以前は “通常のホームドアはおろか昇降式ホーム柵ですら設置が困難” と言われていたこのような条件に対応するため、近鉄は昇降式の発展形として柵がホームの下へ沈むように格納される新型ホームドアの研究・開発に着手。2018年時点では主要駅において数年後の実用化を目指すと報じられていました。

しかし、鶴橋駅2・3番線で実際に採用されたのは昇降式ホーム柵でした。既に昇降式ホーム柵が採用されていた大阪阿部野橋駅や他社における実績などから、鶴橋駅においても昇降式ホーム柵ですべての車両ドア位置パターンに対応できる目処がついたのだと思われますが、その具体的な経緯は今のところ明らかになっていません。

一方、上りホームの3・4番線は駅構造の関係で昇降式ホーム柵を設置できないことから、通常のホームドアを車両から離して設置することでドア位置の違いに関係なく乗降を可能としました。このような理由によって、鶴橋駅は上下線で異なるタイプのホームドアが採用されているのです。

2 ホームドアの仕様

線路側から見た1ユニット分のホーム柵
原則としてメインポストとサブポストが交互に配置

同駅で採用された昇降式ホーム柵は、大阪阿部野橋駅や阪神の神戸三宮駅で実績のある「支柱固定型」と呼ばれるタイプです。ロープを昇降する駆動機構を内蔵したメインポストと、ロープのたわみを抑えるサブポストの組み合わせで1ユニットが構成されています。同駅のホーム有効長は10両分ですが、大阪線における10両編成の運行は2024年3月のダイヤ改正で廃止されたため、2番線側は8両分のみの設置となりました。
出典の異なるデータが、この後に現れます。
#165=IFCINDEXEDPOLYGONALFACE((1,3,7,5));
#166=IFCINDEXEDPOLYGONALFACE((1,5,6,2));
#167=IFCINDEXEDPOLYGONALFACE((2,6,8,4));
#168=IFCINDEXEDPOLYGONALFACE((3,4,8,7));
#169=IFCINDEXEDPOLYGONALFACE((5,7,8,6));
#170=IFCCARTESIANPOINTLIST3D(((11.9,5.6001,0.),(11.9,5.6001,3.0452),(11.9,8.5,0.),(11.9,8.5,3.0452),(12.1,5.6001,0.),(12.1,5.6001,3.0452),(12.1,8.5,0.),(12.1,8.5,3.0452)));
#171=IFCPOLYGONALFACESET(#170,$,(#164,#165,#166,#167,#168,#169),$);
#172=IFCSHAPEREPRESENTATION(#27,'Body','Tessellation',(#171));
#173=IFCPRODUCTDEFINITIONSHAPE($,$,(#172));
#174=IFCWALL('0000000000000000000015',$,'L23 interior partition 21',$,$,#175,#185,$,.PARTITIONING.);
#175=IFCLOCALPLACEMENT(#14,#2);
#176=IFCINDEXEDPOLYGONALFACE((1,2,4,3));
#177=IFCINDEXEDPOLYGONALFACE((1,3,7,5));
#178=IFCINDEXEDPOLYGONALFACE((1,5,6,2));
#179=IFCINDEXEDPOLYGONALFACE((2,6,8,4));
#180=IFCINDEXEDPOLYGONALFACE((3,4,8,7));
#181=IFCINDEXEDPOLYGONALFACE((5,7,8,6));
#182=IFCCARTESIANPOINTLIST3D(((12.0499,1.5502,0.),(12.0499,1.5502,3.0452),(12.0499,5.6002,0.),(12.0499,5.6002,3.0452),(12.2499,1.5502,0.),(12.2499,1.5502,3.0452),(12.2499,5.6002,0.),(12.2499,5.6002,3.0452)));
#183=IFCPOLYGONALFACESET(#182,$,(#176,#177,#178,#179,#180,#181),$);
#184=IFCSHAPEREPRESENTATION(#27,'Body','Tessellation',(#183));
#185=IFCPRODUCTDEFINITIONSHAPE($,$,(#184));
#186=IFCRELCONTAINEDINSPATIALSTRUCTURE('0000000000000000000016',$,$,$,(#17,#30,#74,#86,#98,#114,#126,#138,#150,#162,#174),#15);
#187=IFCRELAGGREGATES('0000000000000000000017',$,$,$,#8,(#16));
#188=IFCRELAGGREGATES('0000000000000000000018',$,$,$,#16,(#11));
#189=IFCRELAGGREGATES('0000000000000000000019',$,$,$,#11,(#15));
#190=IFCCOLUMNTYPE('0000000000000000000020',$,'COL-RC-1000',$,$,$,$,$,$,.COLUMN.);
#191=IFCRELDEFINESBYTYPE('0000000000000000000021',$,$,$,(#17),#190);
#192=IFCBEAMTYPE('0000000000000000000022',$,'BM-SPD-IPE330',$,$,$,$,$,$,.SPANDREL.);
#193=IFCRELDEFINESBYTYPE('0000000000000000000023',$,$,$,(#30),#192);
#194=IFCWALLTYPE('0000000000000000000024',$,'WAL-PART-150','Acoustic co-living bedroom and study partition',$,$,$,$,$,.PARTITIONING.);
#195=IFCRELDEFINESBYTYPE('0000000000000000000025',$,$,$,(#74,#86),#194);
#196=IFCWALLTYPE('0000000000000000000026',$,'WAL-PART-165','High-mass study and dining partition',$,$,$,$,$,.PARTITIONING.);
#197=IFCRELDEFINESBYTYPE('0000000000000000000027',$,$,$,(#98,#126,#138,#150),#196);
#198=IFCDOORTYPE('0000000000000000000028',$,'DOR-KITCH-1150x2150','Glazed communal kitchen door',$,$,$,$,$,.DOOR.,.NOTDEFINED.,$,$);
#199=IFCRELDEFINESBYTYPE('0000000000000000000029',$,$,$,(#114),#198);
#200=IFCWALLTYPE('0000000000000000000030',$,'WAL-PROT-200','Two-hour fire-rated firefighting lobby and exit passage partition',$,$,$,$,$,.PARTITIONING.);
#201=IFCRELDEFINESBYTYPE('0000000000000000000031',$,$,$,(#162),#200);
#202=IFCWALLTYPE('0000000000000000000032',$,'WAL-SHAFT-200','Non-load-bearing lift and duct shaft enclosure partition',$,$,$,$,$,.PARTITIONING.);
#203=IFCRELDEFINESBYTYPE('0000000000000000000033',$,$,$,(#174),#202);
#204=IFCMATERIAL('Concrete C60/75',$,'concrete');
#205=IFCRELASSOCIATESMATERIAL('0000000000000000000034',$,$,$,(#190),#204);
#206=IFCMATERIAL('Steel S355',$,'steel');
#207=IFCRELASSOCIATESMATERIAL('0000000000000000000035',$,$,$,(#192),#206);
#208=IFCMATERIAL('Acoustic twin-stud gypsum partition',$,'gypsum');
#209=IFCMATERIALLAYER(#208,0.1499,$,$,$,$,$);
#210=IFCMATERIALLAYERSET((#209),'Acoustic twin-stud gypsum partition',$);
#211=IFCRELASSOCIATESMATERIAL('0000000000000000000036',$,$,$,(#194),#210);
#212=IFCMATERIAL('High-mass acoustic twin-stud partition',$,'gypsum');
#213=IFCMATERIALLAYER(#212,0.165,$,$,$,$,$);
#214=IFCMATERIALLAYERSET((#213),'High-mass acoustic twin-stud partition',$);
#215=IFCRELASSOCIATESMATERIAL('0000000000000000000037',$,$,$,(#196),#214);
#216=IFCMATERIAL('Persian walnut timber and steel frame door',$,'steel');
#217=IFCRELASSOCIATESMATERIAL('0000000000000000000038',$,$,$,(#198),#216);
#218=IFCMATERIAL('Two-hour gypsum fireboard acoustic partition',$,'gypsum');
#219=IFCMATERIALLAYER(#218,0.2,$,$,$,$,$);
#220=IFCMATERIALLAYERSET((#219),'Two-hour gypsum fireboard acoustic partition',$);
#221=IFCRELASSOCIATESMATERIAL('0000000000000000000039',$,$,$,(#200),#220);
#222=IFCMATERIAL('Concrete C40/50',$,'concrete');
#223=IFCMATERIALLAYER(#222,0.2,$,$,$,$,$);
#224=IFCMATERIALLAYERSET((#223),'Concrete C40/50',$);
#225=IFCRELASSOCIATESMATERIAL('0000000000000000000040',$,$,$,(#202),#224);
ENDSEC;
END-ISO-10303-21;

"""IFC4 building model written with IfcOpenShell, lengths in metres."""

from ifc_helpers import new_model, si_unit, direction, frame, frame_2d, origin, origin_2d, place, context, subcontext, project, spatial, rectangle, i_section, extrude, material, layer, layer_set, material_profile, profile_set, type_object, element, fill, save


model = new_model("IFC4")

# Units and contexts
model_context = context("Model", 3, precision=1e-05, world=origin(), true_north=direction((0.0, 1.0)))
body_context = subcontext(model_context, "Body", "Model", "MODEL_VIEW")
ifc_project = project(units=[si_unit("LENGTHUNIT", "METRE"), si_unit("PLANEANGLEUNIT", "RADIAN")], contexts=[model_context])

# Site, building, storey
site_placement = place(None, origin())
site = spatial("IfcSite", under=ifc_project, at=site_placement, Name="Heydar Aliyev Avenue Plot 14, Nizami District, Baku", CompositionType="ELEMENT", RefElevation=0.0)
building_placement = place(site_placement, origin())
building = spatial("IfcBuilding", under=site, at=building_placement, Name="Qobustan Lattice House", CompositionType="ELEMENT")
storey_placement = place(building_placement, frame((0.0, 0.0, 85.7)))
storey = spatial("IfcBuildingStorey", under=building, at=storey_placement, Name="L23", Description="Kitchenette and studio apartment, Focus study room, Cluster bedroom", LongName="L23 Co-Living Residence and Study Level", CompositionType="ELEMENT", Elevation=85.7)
ロープは軽量かつ引張力に強いカーボンストランド製です。阿部野橋駅タイプや他社の昇降式ホーム柵はロープに赤色や黄色の警戒色を多用しているのに対して、本タイプは最低限の黄色部分を除いて[1]2番線における先行運用当初は黄色も使われておらず、のちに追加された。無彩色のコントラストを利用することにより、駅空間との調和と機能性の両立を図っています。

なお、阿部野橋駅タイプは8本のロープが等間隔に配置されていたのに対して、本タイプは上下2本ずつを隣接させ、上は白色、下は黄色のカバーでまとめることにより実質1本としています。この仕様変更によって、下部隙間(ロープ最下部~ホーム床面)が阿部野橋駅タイプよりも広がり、防護性の面ではやや劣っています。

ホーム側から見たメインポスト
ホーム側から見たサブポスト
線路側から見たメインポスト
線路側から見たサブポスト
サブポスト上部の2Dセンサ
足元に設けられた注意書き

筐体(ポスト)はグレーとブラックを基調としたシックなデザインで、ポスト同士を繋ぐ梁(ダクト)との一体感を高めたY字状の造形が特徴。ケーブル類をダクト内に収納することで景観の向上にも寄与しています。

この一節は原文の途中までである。